Haha, I know I know! I'm going to do another one that is much more natural later today or tomorrow which should reflect my overall personality much better. 



Fried Eggz said:


> I received a lot of mockery for my criticism as well as for defending myself. The childish stereotypes are the reason I was criticising the understanding.
> @Bathilda seems to have the stereotypical interpretation of Ni+Te = everything intelligent ever.
> 
> And @Aer saying that Si is a past/memory function made me immediately react. That idea is just stupid. This is part of Jung's definition of Si; does it sound remotely like a memory function?


Okay in all seriousness... I was just trolling around :3

I was really tired when I wrote that so it sounded really weird! xD
Then today... when everyone was like loosing their faces over it.... So... I had to play along right? 

<3 I love all you guys!


----------



## aendern (Dec 28, 2013)

Aer said:


> Haha, I know I know!

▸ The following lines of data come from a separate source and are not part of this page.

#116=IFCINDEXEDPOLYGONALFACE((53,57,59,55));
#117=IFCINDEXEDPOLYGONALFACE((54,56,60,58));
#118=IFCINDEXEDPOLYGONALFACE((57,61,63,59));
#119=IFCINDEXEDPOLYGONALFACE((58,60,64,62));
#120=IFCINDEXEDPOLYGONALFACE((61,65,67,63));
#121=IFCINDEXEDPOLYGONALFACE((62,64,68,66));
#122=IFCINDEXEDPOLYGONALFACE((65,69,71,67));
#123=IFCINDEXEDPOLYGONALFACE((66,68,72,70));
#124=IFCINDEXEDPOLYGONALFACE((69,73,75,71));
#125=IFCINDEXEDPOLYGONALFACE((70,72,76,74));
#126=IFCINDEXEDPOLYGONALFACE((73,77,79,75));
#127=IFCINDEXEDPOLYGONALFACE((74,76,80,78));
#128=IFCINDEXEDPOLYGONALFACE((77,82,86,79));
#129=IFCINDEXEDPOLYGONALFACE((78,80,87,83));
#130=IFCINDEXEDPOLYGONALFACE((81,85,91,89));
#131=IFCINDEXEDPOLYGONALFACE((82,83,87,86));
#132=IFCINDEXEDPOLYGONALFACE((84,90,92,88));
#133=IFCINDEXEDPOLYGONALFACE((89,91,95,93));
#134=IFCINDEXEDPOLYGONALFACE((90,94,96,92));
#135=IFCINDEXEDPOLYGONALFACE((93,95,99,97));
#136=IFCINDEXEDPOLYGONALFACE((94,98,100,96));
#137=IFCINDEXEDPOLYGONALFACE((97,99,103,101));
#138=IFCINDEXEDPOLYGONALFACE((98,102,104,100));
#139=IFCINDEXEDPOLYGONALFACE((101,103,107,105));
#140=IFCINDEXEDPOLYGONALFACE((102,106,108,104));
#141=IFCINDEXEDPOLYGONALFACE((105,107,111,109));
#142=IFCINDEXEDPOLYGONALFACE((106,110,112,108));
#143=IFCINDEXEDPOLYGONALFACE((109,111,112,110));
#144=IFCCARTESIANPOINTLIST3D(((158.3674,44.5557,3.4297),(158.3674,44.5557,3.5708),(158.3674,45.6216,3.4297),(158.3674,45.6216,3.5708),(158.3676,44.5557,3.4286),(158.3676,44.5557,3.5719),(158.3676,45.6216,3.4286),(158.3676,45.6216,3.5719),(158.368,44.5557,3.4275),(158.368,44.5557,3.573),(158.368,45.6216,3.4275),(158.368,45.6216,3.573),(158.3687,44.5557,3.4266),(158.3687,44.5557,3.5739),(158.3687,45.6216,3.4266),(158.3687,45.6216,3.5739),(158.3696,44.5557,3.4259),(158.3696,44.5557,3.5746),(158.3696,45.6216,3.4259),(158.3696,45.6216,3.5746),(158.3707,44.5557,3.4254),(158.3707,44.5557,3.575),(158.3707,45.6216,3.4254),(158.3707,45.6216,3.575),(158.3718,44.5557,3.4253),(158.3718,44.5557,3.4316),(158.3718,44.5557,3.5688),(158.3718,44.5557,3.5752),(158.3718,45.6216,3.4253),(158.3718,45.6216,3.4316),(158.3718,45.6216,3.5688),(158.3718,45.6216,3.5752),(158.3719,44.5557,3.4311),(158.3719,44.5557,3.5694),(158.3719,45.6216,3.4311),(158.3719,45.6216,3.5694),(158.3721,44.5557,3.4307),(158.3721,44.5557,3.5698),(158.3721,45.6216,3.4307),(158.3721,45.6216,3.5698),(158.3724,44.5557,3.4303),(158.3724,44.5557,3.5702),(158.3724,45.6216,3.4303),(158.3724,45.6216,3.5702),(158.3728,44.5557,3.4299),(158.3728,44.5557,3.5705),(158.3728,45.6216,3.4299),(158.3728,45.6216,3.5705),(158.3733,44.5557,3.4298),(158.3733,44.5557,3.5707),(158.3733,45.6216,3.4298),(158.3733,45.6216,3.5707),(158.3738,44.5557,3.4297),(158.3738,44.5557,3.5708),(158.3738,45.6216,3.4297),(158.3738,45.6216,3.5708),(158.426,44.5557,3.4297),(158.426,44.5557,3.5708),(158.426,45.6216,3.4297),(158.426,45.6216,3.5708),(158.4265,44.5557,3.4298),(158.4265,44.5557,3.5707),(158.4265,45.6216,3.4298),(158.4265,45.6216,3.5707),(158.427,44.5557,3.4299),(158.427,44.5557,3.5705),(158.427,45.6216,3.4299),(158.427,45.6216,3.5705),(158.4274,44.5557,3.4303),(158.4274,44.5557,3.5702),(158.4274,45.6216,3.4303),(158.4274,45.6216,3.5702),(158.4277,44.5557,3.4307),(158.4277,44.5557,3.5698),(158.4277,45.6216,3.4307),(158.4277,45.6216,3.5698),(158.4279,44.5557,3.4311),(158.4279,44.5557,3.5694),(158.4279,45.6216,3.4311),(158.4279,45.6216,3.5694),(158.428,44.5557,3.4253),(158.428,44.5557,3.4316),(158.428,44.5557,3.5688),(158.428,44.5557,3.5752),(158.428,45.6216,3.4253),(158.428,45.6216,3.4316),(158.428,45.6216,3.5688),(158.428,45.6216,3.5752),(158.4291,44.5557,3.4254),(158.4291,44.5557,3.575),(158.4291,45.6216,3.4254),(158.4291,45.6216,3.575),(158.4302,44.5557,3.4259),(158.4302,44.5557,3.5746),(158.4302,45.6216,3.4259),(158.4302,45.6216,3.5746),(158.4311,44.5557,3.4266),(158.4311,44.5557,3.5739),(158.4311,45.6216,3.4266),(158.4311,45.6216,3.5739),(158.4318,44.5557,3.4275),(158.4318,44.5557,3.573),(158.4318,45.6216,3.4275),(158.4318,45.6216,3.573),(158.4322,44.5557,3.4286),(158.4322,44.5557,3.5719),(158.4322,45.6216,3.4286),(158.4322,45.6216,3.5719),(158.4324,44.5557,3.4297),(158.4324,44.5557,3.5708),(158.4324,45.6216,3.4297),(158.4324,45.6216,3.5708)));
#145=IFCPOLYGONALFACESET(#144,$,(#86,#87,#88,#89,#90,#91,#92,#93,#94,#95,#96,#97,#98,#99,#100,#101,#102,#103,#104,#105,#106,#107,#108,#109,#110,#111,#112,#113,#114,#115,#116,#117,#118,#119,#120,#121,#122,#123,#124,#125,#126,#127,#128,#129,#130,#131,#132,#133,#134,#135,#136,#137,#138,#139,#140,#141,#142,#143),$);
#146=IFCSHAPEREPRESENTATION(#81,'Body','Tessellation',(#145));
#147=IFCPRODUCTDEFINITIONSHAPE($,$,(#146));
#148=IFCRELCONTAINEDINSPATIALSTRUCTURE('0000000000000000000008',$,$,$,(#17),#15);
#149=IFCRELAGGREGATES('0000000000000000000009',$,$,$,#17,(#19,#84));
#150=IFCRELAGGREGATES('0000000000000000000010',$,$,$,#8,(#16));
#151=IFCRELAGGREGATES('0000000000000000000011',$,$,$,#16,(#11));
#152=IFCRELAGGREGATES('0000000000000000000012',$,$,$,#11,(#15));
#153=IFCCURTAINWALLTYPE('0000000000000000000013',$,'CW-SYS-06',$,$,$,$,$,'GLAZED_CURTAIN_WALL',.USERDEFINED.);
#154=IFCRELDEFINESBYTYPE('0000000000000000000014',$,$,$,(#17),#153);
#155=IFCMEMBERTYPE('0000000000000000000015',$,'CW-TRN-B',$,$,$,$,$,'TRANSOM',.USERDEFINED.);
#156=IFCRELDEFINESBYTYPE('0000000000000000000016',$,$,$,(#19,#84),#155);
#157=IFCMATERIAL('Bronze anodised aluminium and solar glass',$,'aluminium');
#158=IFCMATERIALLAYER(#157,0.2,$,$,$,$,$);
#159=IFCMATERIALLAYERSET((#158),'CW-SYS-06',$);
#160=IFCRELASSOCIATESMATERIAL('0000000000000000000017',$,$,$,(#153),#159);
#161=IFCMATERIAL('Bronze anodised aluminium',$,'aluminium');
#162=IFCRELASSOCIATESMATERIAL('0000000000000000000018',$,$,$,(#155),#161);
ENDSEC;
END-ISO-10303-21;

I'm going to do another one that is much more natural later today or tomorrow which should reflect my overall personality much better.


You mean it will reflect what you want us to think about you better.



> Okay in all seriousness... I was just trolling around :3
> 
> I was really tired when I wrote that so it sounded really weird! xD
> Then today... when everyone was like loosing their faces over it.... So... I had to play along right?
> ...


All of this seems so Feeler preference. I wanted to say Fe, but then I remembered an ENFP on here who acts this way, too.

But you see it way more in Fe Feelers. Such a typical way for Fe to shirk blame for something. "Oh _everyone else_ was being weird and emotional, so I had to play along."

This is textbook. I could see you as 2w1 ISFJ or something like that.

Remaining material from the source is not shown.